Abstract

Cardiovascular dysfunction is a major complication of diabetes. Examining mechanistic aspects underlying the incapacity of the diabetic heart to respond to ischemic preconditioning (IPC), we could show that the alterations in iron homeostasis can explain this phenomenon. Correlating the hemodynamic parameters with levels of ferritin, the main iron storage and detoxifying protein, without and with inhibitors of protein degradation, substantiated this explanation.
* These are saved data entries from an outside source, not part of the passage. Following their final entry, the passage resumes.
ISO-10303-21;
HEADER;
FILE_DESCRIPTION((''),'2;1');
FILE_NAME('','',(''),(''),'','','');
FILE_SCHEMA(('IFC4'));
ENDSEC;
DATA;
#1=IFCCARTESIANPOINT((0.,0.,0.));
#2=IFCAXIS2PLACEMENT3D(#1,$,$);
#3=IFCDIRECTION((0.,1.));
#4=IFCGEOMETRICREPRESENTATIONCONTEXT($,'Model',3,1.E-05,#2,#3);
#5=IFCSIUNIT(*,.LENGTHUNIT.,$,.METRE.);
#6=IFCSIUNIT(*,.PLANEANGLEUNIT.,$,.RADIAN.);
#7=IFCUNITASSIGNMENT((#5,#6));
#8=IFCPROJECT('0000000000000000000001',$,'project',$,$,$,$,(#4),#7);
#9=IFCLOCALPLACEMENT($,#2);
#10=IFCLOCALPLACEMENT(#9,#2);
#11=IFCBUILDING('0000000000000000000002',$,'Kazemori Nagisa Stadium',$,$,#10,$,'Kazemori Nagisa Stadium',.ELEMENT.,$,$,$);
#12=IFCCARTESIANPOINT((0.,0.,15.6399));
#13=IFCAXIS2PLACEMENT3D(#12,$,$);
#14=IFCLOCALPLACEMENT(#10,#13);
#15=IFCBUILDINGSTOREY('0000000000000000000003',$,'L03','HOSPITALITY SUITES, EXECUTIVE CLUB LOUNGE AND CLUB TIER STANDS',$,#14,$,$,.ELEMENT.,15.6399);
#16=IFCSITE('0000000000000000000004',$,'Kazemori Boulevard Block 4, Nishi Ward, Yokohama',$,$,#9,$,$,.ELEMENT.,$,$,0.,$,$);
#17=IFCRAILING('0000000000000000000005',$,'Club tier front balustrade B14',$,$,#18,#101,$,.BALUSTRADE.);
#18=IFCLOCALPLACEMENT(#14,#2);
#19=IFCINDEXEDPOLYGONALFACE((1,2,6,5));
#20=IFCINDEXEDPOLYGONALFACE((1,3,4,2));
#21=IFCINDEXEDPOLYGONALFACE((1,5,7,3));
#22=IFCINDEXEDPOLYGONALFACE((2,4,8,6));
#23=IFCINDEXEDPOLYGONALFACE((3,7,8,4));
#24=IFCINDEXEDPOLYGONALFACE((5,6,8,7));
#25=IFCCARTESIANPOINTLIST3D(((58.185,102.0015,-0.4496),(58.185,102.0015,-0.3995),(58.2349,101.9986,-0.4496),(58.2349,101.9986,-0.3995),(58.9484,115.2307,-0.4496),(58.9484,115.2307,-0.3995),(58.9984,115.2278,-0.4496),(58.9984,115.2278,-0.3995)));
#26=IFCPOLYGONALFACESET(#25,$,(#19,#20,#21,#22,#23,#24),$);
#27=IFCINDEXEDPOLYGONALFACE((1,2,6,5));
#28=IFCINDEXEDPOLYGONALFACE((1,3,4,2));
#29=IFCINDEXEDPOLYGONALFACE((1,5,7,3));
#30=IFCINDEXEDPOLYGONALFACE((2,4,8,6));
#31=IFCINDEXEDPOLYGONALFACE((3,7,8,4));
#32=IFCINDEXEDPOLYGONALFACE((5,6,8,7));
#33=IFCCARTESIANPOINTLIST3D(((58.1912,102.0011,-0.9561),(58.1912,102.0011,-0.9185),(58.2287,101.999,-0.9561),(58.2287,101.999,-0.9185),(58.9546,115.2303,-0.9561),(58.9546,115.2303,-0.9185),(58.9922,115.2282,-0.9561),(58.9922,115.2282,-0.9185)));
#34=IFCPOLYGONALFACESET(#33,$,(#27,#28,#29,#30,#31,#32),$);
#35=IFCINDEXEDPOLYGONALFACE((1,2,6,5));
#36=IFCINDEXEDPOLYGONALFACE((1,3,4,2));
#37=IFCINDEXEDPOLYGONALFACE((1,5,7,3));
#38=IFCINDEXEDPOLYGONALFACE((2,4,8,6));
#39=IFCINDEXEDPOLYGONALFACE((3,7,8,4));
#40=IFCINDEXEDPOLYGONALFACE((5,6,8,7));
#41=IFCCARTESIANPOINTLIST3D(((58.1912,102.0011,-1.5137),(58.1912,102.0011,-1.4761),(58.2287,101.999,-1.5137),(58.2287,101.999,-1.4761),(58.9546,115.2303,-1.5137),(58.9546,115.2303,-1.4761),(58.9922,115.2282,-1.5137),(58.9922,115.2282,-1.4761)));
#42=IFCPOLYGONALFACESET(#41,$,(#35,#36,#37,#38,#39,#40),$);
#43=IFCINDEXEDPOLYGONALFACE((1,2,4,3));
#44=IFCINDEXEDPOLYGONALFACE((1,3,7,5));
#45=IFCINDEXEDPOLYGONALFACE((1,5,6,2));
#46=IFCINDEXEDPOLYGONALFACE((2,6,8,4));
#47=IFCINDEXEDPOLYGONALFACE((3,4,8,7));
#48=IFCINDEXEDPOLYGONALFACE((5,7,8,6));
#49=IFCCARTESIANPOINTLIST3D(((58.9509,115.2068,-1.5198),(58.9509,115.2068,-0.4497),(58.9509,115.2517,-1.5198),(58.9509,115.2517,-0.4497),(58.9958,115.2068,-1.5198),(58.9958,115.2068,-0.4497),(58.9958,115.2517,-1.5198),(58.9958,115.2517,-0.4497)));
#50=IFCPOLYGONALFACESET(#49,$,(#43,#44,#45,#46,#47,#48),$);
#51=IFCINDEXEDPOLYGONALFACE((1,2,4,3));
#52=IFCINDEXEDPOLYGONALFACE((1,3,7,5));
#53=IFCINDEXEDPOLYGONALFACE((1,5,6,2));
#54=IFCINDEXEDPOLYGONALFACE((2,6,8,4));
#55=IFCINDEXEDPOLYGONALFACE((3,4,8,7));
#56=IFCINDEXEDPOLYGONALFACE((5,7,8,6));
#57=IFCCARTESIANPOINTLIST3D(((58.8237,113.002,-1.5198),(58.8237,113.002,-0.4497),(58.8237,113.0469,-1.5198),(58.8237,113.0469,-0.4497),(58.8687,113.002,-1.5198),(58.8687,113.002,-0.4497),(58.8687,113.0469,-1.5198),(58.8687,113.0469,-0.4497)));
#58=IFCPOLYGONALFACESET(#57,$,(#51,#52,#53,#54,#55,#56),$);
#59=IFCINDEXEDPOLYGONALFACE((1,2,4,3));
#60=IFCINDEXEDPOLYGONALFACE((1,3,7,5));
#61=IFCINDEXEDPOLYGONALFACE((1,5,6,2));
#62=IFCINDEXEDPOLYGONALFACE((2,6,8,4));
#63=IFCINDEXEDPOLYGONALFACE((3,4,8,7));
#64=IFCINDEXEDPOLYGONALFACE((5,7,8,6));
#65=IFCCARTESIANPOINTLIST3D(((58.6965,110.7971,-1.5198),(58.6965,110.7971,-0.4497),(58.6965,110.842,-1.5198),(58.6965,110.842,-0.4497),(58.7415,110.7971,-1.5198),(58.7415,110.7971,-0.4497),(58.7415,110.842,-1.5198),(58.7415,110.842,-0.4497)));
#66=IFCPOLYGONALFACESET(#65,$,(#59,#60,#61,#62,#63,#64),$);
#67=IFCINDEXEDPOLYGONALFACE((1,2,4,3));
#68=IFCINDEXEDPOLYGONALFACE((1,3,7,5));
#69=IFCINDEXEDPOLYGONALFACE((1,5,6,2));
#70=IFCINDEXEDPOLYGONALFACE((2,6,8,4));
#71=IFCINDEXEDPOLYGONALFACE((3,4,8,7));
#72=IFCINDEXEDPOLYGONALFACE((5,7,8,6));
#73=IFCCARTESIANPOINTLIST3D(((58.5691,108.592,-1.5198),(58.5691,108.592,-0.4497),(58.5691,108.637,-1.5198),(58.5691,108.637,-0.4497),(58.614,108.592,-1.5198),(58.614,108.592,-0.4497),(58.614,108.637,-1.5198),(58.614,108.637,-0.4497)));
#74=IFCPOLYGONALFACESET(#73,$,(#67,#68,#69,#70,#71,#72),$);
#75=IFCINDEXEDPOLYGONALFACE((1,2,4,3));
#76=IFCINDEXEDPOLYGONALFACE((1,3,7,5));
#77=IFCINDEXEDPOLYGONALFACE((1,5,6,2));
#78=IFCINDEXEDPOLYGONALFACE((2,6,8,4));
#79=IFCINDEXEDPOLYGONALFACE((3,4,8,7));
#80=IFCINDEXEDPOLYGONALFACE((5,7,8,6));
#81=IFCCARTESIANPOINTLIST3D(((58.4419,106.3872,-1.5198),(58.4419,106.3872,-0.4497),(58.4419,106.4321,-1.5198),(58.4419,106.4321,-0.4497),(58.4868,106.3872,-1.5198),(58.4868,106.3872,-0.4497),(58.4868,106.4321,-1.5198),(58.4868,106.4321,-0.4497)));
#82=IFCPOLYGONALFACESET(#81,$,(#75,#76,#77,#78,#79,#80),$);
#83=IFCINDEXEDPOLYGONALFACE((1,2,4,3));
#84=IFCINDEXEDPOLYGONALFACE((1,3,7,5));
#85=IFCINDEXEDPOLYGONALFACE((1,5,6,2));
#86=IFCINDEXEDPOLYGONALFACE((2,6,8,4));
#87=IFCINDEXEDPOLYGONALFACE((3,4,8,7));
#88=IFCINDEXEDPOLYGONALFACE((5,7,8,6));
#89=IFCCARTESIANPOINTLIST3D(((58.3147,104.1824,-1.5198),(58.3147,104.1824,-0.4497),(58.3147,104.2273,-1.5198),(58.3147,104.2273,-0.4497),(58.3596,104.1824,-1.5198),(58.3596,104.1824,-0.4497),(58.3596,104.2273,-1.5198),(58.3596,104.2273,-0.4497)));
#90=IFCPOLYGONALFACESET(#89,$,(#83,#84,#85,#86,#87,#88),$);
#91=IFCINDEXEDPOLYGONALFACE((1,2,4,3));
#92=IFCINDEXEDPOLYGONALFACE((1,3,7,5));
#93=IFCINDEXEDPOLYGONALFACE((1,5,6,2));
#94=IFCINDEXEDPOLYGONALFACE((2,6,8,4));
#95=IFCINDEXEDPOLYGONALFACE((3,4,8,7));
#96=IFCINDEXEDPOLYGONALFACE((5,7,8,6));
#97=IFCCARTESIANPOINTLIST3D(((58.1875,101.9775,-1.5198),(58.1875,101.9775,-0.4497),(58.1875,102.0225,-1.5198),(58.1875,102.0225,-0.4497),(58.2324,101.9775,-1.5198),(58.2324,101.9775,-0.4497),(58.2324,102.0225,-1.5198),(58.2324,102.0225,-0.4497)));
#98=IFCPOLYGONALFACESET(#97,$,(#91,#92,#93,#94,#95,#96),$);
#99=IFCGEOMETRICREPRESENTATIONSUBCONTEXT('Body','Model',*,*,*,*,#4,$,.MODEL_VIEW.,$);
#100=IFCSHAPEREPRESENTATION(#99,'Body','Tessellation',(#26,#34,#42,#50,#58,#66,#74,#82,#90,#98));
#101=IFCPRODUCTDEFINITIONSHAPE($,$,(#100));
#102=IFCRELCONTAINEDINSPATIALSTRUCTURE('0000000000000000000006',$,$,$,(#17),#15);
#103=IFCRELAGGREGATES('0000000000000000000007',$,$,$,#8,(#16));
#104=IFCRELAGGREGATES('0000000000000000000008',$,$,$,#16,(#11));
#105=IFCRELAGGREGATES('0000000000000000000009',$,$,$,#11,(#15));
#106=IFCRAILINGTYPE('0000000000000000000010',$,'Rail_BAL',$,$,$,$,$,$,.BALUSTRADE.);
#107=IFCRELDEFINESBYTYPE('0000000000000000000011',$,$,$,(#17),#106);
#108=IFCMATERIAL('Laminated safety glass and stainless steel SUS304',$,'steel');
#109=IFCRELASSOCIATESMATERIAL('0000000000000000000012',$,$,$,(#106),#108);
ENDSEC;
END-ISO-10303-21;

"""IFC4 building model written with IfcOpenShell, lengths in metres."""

from ifc_helpers import new_model, si_unit, direction, frame, origin, origin_2d, place, context, subcontext, project, spatial, rectangle, extrude, material, type_object, element, save


model = new_model("IFC4")

# Units and contexts
model_context = context("Model", 3, precision=1e-05, world=origin(), true_north=direction((0.0, 1.0)))
body_context = subcontext(model_context, "Body", "Model", "MODEL_VIEW")
ifc_project = project(units=[si_unit("LENGTHUNIT", "METRE"), si_unit("PLANEANGLEUNIT", "RADIAN")], contexts=[model_context])

# Site, building, storey
site_placement = place(None, origin())
site = spatial("IfcSite", under=ifc_project, at=site_placement, Name="Kazemori Boulevard Block 4, Nishi Ward, Yokohama", CompositionType="ELEMENT", RefElevation=0.0)
building_placement = place(site_placement, origin())
building = spatial("IfcBuilding", under=site, at=building_placement, Name="Kazemori Nagisa Stadium", LongName="Kazemori Nagisa Stadium", CompositionType="ELEMENT")
storey_placement = place(building_placement, frame((0.0, 0.0, 15.6399)))
storey = spatial("IfcBuildingStorey", under=building, at=storey_placement, Name="L03", Description="HOSPITALITY SUITES, EXECUTIVE CLUB LOUNGE AND CLUB TIER STANDS", CompositionType="ELEMENT", Elevation=15.6399)

# Railing
ifc_material_1 = material(Name="Laminated safety glass and stainless steel SUS304", Category="steel")
railing_type = type_object("IfcRailingType", Name="Rail_BAL", PredefinedType="BALUSTRADE", material=ifc_material_1)
railing_placement = place(storey_placement, frame((58.9734, 115.2292, -1.5198)))
element("IfcRailing", 1, at=railing_placement, inside=storey, type_object=railing_type, Name="Club tier front balustrade B14", PredefinedType="BALUSTRADE", context=body_context, shape_type="SweptSolid", body=[
    extrude(rectangle(XDim=0.05, YDim=0.05, at=origin_2d()), frame((0.0, 0.0, 1.0952), z_axis=(-0.057612, -0.998339, 0.0), x_axis=(0.998339, -0.057612, 0.0)), (0.0, 0.0, 1.0), 13.2512),
    extrude(rectangle(XDim=0.0376, YDim=0.0376, at=origin_2d()), frame((0.0, 0.0, 0.5825), z_axis=(-0.057612, -0.998339, 0.0), x_axis=(0.998339, -0.057612, 0.0)), (0.0, 0.0, 1.0), 13.2512),
    extrude(rectangle(XDim=0.0376, YDim=0.0376, at=origin_2d()), frame((0.0, 0.0, 0.0249), z_axis=(-0.057612, -0.998339, 0.0), x_axis=(0.998339, -0.057612, 0.0)), (0.0, 0.0, 1.0), 13.2512),
    extrude(rectangle(XDim=0.0449, YDim=0.0449, at=origin_2d()), origin(), (0.0, 0.0, 1.0), 1.0701),
    extrude(rectangle(XDim=0.0449, YDim=0.0449, at=origin_2d()), frame((-0.1272, -2.2048, 0.0)), (0.0, 0.0, 1.0), 1.0701),
    extrude(rectangle(XDim=0.0449, YDim=0.0449, at=origin_2d()), frame((-0.2544, -4.4097, 0.0)), (0.0, 0.0, 1.0), 1.0701),
    extrude(rectangle(XDim=0.0449, YDim=0.0449, at=origin_2d()), frame((-0.3818, -6.6147, 0.0)), (0.0, 0.0, 1.0), 1.0701),
    extrude(rectangle(XDim=0.0449, YDim=0.0449, at=origin_2d()), frame((-0.509, -8.8196, 0.0)), (0.0, 0.0, 1.0), 1.0701),
    extrude(rectangle(XDim=0.0449, YDim=0.0449, at=origin_2d()), frame((-0.6362, -11.0244, 0.0)), (0.0, 0.0, 1.0), 1.0701),
    extrude(rectangle(XDim=0.0449, YDim=0.0449, at=origin_2d()), frame((-0.7634, -13.2292, 0.0)), (0.0, 0.0, 1.0), 1.0701),
])

save(model, "model.ifc")
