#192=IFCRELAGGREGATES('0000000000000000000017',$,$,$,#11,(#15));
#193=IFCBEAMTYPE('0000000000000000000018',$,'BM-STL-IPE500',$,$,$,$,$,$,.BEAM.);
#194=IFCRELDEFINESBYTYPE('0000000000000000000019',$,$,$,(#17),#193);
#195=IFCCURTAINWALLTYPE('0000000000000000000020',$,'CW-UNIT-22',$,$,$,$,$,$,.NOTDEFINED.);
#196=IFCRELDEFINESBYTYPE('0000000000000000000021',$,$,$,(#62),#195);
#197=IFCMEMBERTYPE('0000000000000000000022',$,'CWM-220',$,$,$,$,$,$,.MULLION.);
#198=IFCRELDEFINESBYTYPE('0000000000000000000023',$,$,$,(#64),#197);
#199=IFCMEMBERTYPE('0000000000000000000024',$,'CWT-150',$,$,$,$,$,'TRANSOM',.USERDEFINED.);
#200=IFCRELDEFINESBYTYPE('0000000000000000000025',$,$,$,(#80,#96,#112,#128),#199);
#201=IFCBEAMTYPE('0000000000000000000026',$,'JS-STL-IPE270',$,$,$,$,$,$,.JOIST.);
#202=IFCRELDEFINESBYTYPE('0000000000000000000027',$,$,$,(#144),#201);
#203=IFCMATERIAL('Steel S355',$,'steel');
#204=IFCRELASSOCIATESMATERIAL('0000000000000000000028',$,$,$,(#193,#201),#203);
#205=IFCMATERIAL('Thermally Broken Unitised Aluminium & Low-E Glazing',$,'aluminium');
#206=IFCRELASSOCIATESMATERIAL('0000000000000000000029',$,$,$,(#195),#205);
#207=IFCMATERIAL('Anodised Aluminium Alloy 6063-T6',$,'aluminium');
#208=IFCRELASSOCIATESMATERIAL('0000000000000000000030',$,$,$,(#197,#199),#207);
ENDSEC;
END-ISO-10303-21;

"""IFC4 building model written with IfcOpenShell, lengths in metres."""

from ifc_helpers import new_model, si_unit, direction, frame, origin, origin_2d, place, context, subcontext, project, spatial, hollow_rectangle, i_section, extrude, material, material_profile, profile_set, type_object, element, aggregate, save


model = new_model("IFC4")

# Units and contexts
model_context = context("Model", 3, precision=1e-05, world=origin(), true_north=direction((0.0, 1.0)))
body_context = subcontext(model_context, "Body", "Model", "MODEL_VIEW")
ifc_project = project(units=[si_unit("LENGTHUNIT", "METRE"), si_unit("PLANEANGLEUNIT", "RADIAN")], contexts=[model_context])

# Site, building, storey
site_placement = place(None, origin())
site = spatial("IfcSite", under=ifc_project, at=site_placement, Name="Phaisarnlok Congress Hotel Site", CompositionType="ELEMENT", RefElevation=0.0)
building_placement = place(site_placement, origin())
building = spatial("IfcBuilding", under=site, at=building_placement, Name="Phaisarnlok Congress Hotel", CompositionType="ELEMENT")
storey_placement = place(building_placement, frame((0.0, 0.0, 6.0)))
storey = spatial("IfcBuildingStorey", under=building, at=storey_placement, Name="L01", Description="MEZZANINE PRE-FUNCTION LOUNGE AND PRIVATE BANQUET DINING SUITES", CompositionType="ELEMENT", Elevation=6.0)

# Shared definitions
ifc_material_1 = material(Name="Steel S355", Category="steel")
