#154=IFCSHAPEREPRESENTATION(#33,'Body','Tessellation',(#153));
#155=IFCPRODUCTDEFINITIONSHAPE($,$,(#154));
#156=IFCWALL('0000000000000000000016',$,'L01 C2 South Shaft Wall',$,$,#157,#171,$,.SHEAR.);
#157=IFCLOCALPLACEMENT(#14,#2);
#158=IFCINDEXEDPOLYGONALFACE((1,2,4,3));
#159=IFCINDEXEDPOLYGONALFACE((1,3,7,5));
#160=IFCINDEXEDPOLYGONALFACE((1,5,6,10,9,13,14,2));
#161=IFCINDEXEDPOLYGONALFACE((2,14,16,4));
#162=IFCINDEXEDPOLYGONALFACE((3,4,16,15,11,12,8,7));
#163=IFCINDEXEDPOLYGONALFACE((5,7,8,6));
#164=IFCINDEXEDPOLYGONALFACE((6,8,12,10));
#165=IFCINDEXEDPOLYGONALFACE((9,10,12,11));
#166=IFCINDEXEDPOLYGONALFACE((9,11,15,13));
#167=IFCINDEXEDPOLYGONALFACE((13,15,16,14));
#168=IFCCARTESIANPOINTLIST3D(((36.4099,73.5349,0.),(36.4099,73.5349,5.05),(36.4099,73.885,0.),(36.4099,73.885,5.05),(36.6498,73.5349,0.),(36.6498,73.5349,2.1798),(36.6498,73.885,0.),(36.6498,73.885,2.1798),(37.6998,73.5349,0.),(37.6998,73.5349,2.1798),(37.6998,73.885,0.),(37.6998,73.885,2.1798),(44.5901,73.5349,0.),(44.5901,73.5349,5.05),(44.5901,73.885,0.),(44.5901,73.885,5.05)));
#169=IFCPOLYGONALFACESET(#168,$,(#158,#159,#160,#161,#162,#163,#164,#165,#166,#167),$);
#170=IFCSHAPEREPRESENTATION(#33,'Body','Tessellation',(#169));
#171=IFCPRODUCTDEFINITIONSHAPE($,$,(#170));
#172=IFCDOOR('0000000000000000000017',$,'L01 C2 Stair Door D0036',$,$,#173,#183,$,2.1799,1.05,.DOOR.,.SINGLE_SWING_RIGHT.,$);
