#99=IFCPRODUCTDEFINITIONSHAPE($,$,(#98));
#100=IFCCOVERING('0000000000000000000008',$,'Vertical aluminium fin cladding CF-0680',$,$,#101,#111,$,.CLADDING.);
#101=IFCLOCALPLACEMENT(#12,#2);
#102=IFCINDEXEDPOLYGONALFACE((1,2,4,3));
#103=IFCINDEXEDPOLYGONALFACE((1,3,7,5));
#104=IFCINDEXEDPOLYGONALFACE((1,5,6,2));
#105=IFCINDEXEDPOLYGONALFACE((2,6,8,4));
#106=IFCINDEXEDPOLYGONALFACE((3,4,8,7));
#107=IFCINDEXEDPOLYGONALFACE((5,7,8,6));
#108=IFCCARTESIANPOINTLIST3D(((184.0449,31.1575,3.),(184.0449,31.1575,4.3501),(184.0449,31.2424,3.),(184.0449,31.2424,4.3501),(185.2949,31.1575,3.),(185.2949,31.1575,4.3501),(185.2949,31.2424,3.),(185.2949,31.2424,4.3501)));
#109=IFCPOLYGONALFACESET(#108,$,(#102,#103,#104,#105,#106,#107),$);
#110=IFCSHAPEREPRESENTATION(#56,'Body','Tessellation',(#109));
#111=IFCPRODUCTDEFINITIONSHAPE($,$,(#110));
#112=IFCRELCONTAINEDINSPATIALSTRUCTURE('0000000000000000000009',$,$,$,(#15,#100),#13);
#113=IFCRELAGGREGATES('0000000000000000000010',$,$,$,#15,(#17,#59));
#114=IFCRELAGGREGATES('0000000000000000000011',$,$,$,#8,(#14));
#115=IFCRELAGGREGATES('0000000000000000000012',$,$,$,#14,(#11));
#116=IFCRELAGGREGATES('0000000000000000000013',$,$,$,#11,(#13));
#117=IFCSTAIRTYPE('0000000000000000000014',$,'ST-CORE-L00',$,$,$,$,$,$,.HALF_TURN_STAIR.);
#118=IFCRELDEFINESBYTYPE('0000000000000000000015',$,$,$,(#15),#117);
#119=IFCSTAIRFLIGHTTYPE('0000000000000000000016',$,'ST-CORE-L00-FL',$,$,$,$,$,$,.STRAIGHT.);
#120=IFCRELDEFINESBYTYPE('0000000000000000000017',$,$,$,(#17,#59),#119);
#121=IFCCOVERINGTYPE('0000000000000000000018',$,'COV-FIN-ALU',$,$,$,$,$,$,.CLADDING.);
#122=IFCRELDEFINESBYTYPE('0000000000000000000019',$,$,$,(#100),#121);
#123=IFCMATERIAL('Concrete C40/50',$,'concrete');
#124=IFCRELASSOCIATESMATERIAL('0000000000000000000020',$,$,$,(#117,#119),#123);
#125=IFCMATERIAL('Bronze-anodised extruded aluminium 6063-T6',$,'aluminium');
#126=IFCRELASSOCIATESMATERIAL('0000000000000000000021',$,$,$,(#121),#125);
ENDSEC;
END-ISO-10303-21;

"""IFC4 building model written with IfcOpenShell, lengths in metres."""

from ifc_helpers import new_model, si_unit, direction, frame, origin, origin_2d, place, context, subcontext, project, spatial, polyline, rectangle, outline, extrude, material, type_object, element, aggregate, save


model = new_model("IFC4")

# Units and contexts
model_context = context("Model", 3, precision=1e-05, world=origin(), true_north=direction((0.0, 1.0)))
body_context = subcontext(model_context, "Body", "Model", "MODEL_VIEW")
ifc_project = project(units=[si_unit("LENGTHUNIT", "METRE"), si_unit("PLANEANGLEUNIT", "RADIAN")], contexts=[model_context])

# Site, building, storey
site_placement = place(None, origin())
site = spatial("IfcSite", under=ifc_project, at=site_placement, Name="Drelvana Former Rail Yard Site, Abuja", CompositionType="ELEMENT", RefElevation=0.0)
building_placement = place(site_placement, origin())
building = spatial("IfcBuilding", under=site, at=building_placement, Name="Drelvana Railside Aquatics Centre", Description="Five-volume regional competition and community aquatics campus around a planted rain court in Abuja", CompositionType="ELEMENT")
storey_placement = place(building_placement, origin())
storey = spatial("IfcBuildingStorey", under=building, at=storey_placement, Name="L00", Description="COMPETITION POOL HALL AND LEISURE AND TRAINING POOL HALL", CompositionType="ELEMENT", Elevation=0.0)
Diabetic hearts were less sensitive to ischemia-reperfusion stress, as indicated by functional parameters and histology. Mechanistically, since ferritin has been shown to provide cellular protection against insults, including ischemia-reperfusion stress and as the basal ferritin level in diabetic heart was 2-fold higher than in controls, these are in accord with the greater resistance of the diabetic heart to ischemia-reperfusion. Additionally, during ischemia-reperfusion, preceded by IPC, a rapid and extensive loss in ferritin levels, during the prolonged ischemia, in diabetic heart but not in non-diabetic controls, provide additional substantiation to the explanation for loss of respond to IPC. Current research is shedding light on the mechanism behind ferritin degradation as well, suggesting a novel explanation for diabetes-induced loss of cardioprotection.

Highlights

  • Despite recent advancements in the prevention and treatment of heart disease, cardiac ailments continue to be a leading cause of mortality in the Western world [1]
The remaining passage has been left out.